Read The Beauty Queen of Jerusalem Online
Authors: Sarit Yishai-Levi
With the help of her cane she got up and walked through the door. And he, who had been brought up on his mother's miracles and all the healing properties of the livianos, felt that she had brought him back to life.
And now the talk with Rabbi Pardess had shaken the serenity with which he had been filled since his mother had healed him. A great fear gripped his heart, a profound concern for Luna's future, and most terrible of all, doubts about her character. Did he really not know his daughter? And who knew what else she did that he didn't know about. Had he failed so badly with her upbringing? Where had the
draga de siete cavezas,
the seven-headed dragon, learned to lie?
Gabriel walked the length of King George to Terra Sancta and cut across toward Azza Street until he came to Café Rehavia, a place he'd sometimes go to escape, far away from everything familiar. He sat in the café for a long time, sipping a cup of strong black coffee, staring through the window at the passersby, trying to arrange his thoughts and feelings. Perhaps better not to tell a soul, not even his mother, about his daughter's doings. He didn't want her to be labeled a liar, a street child. He had to protect her good name, or she would never find a husband from a good family and things would get out of control. He stood up, paid the waiter, and started the long walk back to Ohel Moshe, determined to keep a close eye on Luna, to make sure he knew where she was every minute of the day. And for the first time since she was born, he decided to punish her.

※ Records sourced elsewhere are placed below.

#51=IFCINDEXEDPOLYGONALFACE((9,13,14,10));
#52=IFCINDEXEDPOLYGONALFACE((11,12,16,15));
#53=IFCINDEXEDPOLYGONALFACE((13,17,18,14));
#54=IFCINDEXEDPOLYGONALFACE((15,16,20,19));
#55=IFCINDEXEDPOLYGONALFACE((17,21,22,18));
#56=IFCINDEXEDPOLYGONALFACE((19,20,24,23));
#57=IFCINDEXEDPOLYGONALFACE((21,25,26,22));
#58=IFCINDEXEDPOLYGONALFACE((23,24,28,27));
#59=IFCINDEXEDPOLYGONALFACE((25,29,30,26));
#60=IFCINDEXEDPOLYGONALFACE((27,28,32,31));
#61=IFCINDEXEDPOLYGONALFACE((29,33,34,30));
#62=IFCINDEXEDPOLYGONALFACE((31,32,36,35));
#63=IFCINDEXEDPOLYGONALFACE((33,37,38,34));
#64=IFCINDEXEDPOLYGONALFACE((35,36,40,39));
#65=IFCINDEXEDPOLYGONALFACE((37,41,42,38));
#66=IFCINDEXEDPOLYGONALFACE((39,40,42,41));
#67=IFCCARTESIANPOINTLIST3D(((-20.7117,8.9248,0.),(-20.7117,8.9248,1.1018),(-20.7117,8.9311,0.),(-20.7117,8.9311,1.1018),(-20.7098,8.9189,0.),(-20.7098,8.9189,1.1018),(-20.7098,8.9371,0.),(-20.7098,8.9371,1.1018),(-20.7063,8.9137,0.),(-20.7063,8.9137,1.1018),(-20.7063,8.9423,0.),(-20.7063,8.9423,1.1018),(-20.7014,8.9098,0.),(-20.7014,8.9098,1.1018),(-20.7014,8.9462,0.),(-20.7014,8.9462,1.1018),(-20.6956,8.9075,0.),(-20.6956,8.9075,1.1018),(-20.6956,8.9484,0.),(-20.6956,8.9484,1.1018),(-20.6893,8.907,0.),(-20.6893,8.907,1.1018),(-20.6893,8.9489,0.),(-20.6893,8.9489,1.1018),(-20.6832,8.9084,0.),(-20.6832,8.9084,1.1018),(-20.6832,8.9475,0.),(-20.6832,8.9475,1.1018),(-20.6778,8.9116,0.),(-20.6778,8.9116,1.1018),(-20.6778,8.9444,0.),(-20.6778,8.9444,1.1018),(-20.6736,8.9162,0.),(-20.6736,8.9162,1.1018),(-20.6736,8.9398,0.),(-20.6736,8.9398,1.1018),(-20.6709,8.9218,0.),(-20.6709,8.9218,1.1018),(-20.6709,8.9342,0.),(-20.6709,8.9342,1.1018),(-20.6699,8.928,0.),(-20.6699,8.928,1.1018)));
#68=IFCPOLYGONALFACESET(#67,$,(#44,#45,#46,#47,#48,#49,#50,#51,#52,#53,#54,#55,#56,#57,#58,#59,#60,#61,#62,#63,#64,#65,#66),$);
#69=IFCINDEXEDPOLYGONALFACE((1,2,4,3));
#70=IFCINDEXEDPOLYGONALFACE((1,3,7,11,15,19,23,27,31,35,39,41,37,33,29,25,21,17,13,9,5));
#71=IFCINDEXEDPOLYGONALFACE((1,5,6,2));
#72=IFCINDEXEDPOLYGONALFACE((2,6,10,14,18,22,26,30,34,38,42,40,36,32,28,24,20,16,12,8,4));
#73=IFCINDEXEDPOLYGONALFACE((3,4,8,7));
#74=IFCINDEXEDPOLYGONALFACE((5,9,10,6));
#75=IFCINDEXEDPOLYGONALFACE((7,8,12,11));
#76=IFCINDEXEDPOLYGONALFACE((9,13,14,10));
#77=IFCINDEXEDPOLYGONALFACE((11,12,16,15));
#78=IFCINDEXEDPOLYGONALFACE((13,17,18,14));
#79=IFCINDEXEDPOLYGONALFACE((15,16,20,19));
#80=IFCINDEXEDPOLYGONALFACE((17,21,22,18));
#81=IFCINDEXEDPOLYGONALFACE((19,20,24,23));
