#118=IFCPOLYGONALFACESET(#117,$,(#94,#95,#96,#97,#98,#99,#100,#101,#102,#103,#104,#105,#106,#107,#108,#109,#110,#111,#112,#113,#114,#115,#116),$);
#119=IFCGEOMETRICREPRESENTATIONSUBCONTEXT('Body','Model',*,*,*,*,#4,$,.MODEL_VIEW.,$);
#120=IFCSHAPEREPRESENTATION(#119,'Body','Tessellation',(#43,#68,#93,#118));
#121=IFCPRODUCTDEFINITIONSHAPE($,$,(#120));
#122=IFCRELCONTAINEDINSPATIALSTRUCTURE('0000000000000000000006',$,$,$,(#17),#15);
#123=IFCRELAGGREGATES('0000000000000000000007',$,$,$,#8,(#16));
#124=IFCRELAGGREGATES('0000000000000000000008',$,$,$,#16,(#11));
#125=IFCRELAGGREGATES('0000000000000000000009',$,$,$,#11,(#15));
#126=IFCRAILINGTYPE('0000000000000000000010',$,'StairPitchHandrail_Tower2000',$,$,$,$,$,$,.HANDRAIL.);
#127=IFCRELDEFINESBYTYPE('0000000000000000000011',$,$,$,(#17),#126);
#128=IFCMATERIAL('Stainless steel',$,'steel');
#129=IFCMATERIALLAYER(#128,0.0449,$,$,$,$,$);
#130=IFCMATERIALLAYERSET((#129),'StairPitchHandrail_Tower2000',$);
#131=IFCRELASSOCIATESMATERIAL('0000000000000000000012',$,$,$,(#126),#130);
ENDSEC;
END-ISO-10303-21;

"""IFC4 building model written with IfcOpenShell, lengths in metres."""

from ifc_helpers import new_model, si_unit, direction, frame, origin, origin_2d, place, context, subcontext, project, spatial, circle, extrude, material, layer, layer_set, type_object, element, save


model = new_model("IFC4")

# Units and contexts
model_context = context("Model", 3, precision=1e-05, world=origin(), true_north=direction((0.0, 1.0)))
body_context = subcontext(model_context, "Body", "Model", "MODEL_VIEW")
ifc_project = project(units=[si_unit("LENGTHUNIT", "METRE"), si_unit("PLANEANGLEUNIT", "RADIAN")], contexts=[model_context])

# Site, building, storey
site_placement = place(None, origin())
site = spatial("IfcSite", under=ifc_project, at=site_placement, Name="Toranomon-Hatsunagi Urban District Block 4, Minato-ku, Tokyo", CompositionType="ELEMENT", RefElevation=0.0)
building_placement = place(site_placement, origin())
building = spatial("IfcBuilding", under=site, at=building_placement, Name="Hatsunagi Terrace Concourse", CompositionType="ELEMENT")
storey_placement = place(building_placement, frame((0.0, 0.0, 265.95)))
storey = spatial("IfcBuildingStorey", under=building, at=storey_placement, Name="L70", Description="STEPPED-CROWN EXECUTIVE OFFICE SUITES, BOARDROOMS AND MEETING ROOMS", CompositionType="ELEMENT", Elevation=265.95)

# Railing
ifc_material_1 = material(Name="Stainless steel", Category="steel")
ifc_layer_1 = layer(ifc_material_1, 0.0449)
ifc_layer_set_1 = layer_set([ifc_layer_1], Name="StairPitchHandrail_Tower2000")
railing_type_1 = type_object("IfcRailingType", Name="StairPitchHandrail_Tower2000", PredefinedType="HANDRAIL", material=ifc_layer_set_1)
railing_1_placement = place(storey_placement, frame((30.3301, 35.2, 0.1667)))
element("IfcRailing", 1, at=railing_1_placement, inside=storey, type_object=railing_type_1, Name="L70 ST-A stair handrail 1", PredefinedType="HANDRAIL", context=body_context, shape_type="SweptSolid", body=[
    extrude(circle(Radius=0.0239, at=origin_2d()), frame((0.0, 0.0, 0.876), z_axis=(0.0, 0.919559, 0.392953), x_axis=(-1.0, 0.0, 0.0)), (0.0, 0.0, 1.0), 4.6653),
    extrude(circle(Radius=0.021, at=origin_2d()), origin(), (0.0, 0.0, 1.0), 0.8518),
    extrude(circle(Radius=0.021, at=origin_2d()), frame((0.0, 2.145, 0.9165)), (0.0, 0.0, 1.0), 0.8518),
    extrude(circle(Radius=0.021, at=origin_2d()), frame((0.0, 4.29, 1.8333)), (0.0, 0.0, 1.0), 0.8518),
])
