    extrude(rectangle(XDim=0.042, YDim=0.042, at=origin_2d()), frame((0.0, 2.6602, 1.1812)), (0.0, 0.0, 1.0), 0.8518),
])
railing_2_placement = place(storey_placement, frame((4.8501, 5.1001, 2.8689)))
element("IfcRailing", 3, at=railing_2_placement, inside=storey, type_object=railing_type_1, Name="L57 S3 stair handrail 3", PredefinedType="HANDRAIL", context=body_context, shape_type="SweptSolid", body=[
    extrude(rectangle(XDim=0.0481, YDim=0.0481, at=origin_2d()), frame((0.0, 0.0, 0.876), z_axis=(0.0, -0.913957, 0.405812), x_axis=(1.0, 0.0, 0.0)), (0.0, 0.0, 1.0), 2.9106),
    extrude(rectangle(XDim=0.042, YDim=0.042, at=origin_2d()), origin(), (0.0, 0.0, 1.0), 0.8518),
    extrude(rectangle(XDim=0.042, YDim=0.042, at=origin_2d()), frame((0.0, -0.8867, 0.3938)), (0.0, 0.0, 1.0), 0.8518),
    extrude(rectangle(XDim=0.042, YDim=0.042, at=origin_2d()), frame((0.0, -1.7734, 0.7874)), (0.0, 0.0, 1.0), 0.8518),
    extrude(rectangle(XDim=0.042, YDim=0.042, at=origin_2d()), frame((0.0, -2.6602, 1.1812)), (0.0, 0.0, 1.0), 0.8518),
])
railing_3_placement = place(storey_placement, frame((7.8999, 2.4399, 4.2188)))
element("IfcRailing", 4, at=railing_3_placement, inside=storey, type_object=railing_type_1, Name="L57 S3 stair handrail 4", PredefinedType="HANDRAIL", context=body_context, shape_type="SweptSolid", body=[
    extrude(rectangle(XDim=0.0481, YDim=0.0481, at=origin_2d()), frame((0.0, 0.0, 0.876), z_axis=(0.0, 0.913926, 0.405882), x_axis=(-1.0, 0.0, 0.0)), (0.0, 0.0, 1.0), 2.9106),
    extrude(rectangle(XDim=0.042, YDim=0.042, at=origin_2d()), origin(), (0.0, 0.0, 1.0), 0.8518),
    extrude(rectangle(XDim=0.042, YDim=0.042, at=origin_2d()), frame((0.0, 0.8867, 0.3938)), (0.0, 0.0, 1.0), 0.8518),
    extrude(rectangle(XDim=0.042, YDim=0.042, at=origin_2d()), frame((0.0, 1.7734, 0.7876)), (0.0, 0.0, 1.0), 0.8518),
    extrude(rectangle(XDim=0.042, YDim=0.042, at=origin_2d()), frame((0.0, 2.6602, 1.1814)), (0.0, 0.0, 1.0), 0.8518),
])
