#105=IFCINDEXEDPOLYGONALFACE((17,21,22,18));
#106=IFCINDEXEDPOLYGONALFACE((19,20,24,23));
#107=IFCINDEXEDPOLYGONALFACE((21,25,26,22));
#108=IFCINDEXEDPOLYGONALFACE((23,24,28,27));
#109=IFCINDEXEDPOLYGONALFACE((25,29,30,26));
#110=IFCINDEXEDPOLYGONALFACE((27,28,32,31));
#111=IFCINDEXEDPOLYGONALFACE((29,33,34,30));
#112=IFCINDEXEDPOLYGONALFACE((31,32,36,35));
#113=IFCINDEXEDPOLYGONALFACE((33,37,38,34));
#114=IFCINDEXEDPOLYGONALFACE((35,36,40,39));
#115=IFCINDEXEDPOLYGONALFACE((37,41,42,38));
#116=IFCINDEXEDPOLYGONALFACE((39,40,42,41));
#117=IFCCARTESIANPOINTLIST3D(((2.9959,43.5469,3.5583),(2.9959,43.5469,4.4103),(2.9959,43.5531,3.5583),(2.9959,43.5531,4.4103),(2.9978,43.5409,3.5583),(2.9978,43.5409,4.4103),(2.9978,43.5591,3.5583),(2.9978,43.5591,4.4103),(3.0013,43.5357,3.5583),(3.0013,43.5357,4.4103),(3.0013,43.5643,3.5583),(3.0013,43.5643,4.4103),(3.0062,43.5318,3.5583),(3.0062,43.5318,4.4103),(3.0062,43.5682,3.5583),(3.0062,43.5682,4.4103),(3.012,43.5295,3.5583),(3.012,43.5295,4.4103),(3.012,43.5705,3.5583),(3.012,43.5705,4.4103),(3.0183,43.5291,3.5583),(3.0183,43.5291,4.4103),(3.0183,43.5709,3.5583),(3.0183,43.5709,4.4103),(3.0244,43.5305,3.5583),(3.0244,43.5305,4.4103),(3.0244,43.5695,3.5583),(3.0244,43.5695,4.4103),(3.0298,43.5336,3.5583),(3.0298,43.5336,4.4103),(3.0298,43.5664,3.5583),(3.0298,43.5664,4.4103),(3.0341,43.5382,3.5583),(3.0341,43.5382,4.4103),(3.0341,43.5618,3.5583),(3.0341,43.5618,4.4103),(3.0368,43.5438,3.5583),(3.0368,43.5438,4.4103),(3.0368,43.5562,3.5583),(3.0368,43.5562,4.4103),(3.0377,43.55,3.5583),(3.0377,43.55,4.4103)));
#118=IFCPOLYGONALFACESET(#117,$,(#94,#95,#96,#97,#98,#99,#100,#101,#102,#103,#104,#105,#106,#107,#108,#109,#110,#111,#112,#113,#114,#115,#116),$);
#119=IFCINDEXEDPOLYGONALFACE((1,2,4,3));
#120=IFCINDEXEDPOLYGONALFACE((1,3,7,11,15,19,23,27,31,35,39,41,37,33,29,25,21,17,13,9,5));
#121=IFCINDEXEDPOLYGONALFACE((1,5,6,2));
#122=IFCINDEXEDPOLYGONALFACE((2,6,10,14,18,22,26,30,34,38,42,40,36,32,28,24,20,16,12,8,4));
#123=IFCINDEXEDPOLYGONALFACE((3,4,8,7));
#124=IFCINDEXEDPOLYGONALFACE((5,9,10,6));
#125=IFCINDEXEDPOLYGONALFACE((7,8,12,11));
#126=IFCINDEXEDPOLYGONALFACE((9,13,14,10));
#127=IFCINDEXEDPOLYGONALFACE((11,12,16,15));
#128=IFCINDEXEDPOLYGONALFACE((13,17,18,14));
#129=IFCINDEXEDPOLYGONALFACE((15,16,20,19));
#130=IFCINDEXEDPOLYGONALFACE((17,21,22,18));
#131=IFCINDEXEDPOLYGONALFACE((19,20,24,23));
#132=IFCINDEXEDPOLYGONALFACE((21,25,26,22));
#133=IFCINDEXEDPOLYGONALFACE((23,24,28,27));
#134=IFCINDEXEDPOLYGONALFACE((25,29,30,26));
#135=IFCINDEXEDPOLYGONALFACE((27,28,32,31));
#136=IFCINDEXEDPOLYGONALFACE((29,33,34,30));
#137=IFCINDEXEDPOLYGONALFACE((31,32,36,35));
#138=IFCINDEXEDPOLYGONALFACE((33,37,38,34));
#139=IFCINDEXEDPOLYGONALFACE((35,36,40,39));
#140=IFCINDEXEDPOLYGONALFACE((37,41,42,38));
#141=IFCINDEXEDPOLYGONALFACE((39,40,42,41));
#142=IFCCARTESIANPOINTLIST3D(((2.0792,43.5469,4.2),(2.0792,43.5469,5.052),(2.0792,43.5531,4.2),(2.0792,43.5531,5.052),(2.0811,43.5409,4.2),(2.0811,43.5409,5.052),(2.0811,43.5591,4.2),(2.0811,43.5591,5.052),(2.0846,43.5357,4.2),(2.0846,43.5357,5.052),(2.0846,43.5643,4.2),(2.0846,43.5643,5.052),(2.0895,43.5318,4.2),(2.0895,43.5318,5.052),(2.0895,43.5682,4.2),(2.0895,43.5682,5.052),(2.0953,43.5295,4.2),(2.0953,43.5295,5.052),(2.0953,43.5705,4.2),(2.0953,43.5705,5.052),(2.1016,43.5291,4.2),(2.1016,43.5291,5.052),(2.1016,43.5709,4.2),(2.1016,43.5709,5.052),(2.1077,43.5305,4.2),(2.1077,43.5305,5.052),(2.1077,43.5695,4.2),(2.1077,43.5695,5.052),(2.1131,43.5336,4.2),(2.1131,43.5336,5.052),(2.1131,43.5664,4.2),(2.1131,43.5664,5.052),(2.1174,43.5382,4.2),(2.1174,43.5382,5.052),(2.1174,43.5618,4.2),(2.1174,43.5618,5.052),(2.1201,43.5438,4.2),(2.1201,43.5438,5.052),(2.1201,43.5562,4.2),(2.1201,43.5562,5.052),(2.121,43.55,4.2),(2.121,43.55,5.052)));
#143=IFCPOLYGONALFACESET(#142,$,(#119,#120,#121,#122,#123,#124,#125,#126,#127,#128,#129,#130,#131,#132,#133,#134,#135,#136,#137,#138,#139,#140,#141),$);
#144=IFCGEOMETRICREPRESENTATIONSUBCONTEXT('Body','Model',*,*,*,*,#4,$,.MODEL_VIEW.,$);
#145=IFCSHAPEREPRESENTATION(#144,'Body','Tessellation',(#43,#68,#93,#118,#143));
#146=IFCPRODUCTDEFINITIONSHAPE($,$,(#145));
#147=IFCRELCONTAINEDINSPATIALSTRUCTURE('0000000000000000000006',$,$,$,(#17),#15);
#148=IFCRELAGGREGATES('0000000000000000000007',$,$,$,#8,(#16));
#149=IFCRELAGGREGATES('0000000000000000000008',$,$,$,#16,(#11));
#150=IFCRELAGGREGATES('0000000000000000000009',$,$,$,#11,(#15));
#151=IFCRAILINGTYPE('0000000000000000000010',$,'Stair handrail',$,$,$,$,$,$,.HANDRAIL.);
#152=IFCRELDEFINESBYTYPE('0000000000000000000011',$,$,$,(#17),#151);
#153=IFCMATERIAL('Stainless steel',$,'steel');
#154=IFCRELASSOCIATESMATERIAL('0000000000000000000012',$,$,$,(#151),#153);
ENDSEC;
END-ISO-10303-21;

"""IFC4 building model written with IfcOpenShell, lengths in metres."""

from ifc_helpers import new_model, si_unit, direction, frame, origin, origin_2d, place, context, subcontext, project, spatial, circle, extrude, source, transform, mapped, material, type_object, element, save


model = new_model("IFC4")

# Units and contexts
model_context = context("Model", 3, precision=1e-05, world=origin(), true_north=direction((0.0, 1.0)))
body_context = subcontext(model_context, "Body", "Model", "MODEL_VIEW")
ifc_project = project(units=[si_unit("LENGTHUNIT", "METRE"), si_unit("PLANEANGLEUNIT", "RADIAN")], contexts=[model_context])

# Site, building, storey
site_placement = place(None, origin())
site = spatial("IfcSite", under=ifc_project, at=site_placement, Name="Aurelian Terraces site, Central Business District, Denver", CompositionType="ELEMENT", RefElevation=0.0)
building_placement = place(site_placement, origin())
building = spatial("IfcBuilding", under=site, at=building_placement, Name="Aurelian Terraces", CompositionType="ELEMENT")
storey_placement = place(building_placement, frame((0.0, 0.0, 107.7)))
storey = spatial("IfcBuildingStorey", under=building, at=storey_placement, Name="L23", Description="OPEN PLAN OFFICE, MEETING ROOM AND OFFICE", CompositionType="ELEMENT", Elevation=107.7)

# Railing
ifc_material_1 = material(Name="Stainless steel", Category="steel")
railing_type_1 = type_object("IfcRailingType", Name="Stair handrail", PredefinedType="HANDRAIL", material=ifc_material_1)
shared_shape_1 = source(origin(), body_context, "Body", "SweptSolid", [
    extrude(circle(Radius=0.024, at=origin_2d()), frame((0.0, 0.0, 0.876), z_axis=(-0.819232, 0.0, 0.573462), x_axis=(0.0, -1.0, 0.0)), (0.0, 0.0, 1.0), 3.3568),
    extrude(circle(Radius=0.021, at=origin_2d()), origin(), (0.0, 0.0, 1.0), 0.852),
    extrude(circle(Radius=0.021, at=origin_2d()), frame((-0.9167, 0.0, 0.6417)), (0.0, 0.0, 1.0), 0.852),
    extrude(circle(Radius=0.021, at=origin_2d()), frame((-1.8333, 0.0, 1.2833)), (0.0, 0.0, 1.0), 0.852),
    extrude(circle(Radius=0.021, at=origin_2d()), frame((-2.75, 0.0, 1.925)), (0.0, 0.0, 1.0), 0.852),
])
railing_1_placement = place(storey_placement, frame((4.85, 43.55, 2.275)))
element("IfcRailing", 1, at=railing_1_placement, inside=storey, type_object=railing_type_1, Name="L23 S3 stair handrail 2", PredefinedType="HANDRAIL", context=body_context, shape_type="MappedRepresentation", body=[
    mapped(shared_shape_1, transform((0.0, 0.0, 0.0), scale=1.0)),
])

When the family gathered for dinner that evening, Gabriel glanced around the table at his daughters. “Come here,” he said to Rachelika, who immediately obeyed and stood beside him. He kissed her forehead and praised her for her outstanding performance at school. From the corner of his eye he saw the jealousy burning in Luna's eyes. She couldn't stand her father paying attention to anyone else, not even to her sister. Then he called upon Becky and sat her on his knee. “And you too, chicitica, are outstanding, so well done!” he said and kissed her.
After Rachelika and Becky had kissed the back of his hand in turn and returned to their places, there was a tense silence. Everyone was expecting Gabriel to ask Luna to come to him so he could praise her studies. But he said nothing. Becky, who could no longer restrain herself, asked, “And Luna? What did Rabbi Pardess say about her?” And Gabriel, ignoring Becky's question, said in a voice as cold as ice, “The food is getting cold. Rosa, put it on the table.”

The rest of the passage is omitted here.